The keywords in \(\rho \mathrm{df}^{-}\) may be used in triples as properties. Informally,

  • \((p, \mathsf{sp }, q)\) means that property \(p\) is a sub-property of property \(q\);

  • \((c, \mathsf{sc }, d)\) means that class \(c\) is a subclass of class \(d\);

  • \((p, \mathsf{dom }, c)\) means that the domain of property \(p\) is \(c\); and

  • \((p, \mathsf{range }, c)\) means that the range of property \(p\) is \(c\).

Note that we don’t allow the use of \(\rho \mathrm{df}\) triples of the form \((a, \mathsf{type }, b)\) with meaning “\(a\) is of type \(b\)“ in the intentional level.

3.4 An OWL 2 Ontology Layer

The OWL 2 ontology layer \({\fancyscript{O}}\) consists of a finite set of OWL 2 class and property axioms (see, [43]) of the form

$$\begin{aligned} C&\sqsubseteq D \\ R&\sqsubseteq P \end{aligned}$$

where \(C,D\) are OWL 2 classes (concepts) and \(R\) and \(P\) are OWL 2 properties . The intuition of an axiom of the form \(C \sqsubseteq D\) (resp. \(R \sqsubseteq P\)) is that any instance of class \(C\) (resp. role \(R\)) is an instance of class \(D\) (resp. \(P\)) as well. For computational reasons (to have a query answering procedure that is worst case polynomial), we will consider here specifically the case of the logical counterpart of the three main OWL 2 profiles, namely OWL 2 EL, OWL 2 QL and OWL 2 RL only.

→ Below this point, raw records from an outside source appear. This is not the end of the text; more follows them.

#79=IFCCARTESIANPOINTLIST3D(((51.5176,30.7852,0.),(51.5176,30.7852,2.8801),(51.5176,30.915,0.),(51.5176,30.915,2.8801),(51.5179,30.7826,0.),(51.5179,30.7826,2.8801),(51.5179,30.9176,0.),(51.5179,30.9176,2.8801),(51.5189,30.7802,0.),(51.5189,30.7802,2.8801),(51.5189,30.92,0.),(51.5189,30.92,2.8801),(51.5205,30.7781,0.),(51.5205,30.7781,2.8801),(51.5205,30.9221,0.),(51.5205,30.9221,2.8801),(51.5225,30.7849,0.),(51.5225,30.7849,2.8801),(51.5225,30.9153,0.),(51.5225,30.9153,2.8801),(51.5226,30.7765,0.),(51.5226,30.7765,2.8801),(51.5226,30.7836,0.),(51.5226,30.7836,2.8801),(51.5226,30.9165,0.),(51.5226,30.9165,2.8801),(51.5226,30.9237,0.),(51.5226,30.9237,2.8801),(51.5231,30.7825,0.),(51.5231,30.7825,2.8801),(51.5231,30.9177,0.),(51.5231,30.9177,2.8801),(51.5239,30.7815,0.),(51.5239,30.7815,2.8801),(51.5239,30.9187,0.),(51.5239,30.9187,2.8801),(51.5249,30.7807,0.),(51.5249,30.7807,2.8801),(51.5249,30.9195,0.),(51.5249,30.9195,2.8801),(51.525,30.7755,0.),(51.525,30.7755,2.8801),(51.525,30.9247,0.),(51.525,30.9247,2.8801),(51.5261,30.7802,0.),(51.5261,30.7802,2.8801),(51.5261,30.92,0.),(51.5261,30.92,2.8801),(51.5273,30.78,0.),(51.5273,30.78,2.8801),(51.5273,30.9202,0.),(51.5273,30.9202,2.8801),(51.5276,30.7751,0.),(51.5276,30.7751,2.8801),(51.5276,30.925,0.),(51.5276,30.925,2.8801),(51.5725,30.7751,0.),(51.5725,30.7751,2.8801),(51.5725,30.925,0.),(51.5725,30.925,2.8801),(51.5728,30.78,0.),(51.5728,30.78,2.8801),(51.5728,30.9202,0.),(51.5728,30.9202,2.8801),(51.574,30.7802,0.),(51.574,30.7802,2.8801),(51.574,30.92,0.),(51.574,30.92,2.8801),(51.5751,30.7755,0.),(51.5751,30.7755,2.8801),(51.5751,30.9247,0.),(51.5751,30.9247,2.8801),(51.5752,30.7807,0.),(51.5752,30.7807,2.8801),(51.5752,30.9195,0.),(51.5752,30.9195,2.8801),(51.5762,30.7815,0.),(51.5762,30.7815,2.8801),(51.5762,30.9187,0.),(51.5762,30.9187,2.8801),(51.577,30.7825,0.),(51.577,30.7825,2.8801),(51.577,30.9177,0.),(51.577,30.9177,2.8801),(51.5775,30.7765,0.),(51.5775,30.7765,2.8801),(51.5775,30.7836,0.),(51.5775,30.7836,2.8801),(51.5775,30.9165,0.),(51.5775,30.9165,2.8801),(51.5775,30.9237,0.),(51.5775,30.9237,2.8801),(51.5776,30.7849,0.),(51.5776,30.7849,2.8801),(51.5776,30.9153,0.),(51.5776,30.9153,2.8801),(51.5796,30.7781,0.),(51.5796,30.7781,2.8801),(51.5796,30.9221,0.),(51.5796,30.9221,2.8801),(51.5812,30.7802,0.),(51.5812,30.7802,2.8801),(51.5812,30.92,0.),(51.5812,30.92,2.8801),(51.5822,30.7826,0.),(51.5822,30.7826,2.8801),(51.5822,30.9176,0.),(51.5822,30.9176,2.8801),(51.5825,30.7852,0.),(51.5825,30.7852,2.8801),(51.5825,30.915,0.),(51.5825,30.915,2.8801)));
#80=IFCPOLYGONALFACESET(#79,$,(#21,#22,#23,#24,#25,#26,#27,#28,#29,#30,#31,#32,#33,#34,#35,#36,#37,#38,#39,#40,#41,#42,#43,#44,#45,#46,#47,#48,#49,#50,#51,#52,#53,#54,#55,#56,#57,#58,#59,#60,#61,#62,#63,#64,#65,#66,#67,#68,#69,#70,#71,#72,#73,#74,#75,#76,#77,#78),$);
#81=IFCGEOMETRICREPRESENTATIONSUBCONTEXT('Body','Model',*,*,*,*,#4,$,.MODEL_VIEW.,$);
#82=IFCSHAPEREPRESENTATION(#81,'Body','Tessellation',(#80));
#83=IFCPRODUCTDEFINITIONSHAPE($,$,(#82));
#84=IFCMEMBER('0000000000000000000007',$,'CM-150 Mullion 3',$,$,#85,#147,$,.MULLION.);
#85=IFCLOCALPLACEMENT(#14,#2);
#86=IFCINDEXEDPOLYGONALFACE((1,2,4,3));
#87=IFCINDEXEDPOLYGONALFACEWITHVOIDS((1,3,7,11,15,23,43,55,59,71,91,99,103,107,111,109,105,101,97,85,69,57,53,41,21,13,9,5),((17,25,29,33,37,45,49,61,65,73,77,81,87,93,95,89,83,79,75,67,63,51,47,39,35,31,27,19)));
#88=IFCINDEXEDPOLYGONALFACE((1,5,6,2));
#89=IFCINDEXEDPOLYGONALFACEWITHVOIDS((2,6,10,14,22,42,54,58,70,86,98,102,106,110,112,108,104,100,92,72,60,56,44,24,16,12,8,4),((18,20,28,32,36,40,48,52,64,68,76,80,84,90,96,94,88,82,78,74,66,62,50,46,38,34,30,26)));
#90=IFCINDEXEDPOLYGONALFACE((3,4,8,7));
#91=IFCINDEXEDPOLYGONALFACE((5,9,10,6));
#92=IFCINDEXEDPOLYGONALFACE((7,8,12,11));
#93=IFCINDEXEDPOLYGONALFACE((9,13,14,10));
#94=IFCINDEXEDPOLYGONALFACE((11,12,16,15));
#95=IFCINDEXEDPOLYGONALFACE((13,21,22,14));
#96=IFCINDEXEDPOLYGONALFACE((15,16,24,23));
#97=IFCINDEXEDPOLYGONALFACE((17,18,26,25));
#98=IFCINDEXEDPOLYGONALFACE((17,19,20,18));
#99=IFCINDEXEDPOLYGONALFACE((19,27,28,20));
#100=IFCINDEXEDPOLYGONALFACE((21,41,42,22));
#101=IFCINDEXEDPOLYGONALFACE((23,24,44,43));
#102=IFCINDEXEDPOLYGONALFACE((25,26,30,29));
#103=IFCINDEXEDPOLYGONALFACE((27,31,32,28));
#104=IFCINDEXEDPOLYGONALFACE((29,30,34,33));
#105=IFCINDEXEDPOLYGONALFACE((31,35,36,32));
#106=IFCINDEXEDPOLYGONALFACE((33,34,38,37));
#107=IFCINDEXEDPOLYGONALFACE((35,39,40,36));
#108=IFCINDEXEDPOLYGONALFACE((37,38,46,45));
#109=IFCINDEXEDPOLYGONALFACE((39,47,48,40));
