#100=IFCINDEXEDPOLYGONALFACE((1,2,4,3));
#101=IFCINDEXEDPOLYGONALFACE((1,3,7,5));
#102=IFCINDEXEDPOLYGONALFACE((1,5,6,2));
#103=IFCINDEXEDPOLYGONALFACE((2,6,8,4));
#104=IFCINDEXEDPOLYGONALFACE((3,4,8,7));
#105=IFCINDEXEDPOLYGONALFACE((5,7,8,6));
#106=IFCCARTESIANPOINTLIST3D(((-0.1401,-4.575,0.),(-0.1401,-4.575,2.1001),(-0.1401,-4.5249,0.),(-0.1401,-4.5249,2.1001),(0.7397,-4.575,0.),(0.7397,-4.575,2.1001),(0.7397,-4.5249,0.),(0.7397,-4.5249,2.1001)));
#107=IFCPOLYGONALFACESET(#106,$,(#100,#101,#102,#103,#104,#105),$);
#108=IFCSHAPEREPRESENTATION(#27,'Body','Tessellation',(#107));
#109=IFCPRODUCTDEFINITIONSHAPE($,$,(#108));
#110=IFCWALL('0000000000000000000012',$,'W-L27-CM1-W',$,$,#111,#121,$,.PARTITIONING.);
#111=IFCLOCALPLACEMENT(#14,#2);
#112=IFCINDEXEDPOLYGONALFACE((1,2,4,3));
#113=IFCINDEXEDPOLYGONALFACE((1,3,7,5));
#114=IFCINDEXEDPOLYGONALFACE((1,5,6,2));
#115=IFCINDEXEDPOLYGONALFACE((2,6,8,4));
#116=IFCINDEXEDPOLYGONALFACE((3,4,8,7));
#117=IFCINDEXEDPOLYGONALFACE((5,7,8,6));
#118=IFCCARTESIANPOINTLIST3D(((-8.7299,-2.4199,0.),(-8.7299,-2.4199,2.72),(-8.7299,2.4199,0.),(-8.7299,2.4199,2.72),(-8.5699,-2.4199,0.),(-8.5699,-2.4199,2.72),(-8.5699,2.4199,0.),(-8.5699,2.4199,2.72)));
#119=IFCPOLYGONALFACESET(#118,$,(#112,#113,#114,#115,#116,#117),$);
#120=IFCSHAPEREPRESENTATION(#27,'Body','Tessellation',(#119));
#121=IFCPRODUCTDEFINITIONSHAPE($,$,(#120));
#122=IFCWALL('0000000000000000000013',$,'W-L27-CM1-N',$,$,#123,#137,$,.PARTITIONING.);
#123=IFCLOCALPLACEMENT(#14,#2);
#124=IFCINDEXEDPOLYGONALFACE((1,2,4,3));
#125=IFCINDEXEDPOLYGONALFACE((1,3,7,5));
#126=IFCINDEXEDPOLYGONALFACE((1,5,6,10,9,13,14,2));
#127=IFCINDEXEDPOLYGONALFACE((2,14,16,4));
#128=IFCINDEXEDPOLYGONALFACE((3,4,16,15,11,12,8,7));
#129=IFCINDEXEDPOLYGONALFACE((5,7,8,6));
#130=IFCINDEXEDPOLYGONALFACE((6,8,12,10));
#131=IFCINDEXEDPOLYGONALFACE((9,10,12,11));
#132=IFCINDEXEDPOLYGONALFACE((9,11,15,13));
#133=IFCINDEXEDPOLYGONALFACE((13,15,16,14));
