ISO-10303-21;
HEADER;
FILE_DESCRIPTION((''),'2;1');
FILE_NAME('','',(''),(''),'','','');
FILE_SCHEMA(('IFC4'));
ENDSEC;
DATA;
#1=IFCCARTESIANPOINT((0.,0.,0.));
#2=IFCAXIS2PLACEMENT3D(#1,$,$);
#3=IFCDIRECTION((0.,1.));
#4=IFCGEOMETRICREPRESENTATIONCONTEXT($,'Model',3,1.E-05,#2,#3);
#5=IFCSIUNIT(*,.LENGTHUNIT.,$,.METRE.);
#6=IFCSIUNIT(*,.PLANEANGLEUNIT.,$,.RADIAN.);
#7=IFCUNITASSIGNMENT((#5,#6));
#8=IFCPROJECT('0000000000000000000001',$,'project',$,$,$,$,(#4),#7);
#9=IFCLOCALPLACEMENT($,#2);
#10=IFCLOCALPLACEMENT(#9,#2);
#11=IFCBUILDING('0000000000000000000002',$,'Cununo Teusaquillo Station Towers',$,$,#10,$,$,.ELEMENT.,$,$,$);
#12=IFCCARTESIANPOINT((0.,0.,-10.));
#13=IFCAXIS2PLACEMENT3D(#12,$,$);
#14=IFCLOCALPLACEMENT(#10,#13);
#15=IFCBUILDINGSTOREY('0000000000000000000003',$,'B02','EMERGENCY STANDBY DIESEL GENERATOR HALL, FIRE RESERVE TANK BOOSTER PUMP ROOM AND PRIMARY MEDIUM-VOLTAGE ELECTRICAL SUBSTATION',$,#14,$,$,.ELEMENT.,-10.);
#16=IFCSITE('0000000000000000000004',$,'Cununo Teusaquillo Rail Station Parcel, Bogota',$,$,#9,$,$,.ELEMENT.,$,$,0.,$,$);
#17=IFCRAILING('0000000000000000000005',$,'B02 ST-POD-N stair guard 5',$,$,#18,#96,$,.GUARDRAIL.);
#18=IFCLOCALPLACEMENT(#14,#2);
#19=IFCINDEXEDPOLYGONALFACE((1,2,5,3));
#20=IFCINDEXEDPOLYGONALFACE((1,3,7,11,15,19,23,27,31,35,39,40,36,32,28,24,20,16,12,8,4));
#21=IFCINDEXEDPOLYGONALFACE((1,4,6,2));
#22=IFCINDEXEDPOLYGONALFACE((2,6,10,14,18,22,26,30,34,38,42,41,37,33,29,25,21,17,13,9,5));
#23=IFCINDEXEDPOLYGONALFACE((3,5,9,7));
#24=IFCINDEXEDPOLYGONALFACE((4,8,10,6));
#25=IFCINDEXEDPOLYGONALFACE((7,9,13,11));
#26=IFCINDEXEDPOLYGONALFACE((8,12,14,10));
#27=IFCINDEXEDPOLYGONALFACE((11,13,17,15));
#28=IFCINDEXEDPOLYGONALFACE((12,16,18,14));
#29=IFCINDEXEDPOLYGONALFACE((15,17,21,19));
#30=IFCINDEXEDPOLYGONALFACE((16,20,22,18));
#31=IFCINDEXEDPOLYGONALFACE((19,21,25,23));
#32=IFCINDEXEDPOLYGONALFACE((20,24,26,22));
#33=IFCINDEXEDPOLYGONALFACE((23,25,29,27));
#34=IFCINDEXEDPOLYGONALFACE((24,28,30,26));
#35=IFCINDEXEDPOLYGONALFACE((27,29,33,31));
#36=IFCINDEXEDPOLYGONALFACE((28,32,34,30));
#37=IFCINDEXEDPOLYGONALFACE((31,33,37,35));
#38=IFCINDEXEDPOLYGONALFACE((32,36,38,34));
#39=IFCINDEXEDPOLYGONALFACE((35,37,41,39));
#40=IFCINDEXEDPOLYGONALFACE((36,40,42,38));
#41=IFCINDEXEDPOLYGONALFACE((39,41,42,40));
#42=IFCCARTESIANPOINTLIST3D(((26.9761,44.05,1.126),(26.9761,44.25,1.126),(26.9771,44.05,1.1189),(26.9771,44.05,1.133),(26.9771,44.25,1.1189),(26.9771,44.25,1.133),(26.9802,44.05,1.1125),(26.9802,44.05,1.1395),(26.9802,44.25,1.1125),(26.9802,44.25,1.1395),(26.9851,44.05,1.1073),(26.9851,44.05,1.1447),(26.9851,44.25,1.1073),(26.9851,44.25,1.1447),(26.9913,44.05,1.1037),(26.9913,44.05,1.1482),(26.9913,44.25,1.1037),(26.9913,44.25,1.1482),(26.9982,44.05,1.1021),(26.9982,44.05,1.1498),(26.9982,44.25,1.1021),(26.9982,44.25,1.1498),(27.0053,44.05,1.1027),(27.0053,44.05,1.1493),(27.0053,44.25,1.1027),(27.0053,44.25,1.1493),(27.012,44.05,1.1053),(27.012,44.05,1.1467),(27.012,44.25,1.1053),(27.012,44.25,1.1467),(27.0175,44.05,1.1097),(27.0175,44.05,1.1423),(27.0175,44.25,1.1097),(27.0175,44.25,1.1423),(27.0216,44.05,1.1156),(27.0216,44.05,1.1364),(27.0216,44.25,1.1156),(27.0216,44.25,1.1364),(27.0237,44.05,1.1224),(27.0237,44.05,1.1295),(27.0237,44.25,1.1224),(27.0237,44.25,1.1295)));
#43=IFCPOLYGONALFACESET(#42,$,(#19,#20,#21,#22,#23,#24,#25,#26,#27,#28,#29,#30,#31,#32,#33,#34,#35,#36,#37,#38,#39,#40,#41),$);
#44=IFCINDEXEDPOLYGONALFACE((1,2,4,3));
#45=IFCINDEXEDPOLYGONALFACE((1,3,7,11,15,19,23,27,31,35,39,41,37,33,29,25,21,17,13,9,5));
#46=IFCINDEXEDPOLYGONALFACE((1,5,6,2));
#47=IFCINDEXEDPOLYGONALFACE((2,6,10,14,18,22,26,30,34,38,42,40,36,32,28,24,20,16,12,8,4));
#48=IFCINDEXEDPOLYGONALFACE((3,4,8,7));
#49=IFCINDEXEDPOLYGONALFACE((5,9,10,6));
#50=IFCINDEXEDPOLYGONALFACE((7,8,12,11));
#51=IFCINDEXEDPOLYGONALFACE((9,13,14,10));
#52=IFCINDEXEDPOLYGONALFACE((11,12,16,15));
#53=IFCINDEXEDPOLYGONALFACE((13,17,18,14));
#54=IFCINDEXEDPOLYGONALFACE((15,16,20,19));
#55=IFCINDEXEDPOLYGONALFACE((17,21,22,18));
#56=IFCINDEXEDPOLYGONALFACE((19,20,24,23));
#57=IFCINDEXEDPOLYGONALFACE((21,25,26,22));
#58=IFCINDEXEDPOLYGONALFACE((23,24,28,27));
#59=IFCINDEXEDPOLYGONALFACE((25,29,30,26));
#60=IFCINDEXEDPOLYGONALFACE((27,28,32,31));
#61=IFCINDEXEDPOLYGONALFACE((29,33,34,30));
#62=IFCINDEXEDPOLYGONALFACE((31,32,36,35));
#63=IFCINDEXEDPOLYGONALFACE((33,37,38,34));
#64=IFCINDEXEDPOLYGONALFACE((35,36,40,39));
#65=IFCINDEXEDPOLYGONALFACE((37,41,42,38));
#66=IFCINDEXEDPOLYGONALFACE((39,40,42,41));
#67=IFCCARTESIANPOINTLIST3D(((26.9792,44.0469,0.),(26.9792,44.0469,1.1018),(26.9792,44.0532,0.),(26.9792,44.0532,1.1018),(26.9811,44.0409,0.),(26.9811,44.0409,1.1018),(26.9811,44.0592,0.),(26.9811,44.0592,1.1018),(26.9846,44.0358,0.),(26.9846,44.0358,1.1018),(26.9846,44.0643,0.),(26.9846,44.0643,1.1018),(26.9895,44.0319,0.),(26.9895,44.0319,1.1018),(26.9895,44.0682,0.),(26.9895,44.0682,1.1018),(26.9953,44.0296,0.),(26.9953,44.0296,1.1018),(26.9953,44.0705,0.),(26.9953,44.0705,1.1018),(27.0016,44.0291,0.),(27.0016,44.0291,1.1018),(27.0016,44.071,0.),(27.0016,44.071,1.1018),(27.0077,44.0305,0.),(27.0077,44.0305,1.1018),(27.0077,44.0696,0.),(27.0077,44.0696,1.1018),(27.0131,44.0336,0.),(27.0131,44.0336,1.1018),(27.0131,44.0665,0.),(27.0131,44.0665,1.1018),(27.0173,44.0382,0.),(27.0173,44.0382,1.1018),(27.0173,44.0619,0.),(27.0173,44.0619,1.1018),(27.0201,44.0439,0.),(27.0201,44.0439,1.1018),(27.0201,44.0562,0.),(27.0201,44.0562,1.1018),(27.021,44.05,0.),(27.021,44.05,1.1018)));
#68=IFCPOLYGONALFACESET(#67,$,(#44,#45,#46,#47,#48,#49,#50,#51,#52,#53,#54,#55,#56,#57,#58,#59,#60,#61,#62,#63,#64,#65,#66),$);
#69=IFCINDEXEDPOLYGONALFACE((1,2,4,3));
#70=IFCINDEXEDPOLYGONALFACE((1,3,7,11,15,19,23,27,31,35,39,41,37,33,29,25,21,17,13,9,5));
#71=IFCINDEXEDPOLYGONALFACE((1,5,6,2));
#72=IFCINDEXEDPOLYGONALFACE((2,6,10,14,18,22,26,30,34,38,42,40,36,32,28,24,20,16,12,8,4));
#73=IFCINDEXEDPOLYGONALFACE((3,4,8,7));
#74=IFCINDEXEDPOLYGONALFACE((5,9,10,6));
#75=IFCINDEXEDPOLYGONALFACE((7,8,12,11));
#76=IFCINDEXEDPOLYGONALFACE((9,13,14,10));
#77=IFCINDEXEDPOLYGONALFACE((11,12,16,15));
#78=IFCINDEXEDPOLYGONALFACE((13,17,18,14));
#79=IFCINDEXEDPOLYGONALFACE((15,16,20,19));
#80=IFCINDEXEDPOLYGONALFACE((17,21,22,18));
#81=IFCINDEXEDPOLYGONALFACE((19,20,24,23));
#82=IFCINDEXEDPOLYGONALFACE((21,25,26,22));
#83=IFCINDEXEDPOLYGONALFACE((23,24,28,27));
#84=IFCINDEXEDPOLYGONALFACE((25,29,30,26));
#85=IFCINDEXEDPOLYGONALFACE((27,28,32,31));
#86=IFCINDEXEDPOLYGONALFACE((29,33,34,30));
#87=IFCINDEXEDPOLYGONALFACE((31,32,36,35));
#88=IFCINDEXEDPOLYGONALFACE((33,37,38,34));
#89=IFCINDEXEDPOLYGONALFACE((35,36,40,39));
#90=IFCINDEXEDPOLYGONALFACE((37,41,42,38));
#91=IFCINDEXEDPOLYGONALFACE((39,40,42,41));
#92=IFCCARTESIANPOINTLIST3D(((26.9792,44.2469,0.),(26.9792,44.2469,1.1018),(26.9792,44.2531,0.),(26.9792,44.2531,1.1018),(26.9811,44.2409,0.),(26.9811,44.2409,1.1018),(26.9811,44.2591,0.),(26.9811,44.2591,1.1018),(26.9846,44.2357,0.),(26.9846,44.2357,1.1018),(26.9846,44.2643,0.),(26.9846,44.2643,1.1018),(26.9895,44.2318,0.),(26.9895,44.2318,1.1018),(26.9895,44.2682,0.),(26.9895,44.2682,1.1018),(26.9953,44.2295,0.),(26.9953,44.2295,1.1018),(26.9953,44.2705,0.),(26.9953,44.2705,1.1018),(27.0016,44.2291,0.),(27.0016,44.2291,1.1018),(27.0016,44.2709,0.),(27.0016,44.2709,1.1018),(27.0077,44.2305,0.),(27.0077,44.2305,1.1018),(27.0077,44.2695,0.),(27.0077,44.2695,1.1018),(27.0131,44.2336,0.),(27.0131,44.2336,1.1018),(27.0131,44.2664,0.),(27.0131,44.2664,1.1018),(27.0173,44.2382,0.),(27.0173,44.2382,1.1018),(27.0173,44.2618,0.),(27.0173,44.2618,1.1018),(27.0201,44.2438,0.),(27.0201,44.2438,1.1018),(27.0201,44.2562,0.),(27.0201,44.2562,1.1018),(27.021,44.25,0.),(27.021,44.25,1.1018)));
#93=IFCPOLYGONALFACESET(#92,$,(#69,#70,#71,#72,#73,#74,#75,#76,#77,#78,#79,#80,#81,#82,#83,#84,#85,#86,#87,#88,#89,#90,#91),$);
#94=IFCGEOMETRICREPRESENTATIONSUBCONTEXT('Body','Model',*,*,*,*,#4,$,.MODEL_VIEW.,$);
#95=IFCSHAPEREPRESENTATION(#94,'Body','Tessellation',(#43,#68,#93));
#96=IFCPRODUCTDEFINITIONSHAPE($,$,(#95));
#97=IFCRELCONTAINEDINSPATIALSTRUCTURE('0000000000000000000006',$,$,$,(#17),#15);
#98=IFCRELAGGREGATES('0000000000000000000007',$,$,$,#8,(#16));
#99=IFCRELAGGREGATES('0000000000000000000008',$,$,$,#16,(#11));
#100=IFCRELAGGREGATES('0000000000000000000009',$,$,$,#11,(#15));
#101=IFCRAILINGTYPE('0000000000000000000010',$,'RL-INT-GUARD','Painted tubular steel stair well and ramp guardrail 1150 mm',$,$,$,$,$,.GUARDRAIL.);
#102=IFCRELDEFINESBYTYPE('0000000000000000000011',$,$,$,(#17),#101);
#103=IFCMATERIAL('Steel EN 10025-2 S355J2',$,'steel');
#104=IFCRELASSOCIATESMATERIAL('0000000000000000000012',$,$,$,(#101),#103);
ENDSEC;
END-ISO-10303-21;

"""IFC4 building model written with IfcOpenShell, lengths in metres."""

from ifc_helpers import new_model, si_unit, direction, frame, origin, origin_2d, place, context, subcontext, project, spatial, circle, extrude, material, type_object, element, save


model = new_model("IFC4")

# Units and contexts
model_context = context("Model", 3, precision=1e-05, world=origin(), true_north=direction((0.0, 1.0)))
body_context = subcontext(model_context, "Body", "Model", "MODEL_VIEW")
ifc_project = project(units=[si_unit("LENGTHUNIT", "METRE"), si_unit("PLANEANGLEUNIT", "RADIAN")], contexts=[model_context])

# Site, building, storey
site_placement = place(None, origin())
site = spatial("IfcSite", under=ifc_project, at=site_placement, Name="Cununo Teusaquillo Rail Station Parcel, Bogota", CompositionType="ELEMENT", RefElevation=0.0)
building_placement = place(site_placement, origin())
building = spatial("IfcBuilding", under=site, at=building_placement, Name="Cununo Teusaquillo Station Towers", CompositionType="ELEMENT")
storey_placement = place(building_placement, frame((0.0, 0.0, -10.0)))
storey = spatial("IfcBuildingStorey", under=building, at=storey_placement, Name="B02", Description="EMERGENCY STANDBY DIESEL GENERATOR HALL, FIRE RESERVE TANK BOOSTER PUMP ROOM AND PRIMARY MEDIUM-VOLTAGE ELECTRICAL SUBSTATION", CompositionType="ELEMENT", Elevation=-10.0)

# Railing
ifc_material_1 = material(Name="Steel EN 10025-2 S355J2", Category="steel")
railing_type_1 = type_object("IfcRailingType", Name="RL-INT-GUARD", Description="Painted tubular steel stair well and ramp guardrail 1150 mm", PredefinedType="GUARDRAIL", material=ifc_material_1)
railing_1_placement = place(storey_placement, frame((27.0, 44.05, 0.0)))
element("IfcRailing", 1, at=railing_1_placement, inside=storey, type_object=railing_type_1, Name="B02 ST-POD-N stair guard 5", PredefinedType="GUARDRAIL", context=body_context, shape_type="SweptSolid", body=[
    extrude(circle(Radius=0.0239, at=origin_2d()), frame((0.0, 0.0, 1.126), z_axis=(0.0, 1.0, 0.0), x_axis=(-1.0, 0.0, 0.0)), (0.0, 0.0, 1.0), 0.2),
    extrude(circle(Radius=0.021, at=origin_2d()), origin(), (0.0, 0.0, 1.0), 1.1018),
    extrude(circle(Radius=0.021, at=origin_2d()), frame((0.0, 0.2, 0.0)), (0.0, 0.0, 1.0), 1.1018),
])

save(model, "model.ifc")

3.4.1 The Case of OWL 2 EL

The importance of the \({\fancyscript{EL}}\) DL family [4, 6, 26] is due to the fact that it is the logical counterpart of the OWL 2 EL profile [44], i.e. OWL 2 EL constructs can be mapped into the DL \({\fancyscript{EL}}^{++}(\mathrm{{d}})\). We recall that it enables polynomial time algorithms for all the standard reasoning tasksFootnote 4 and, thus, it is particularly suitable for applications where very large ontologies are needed.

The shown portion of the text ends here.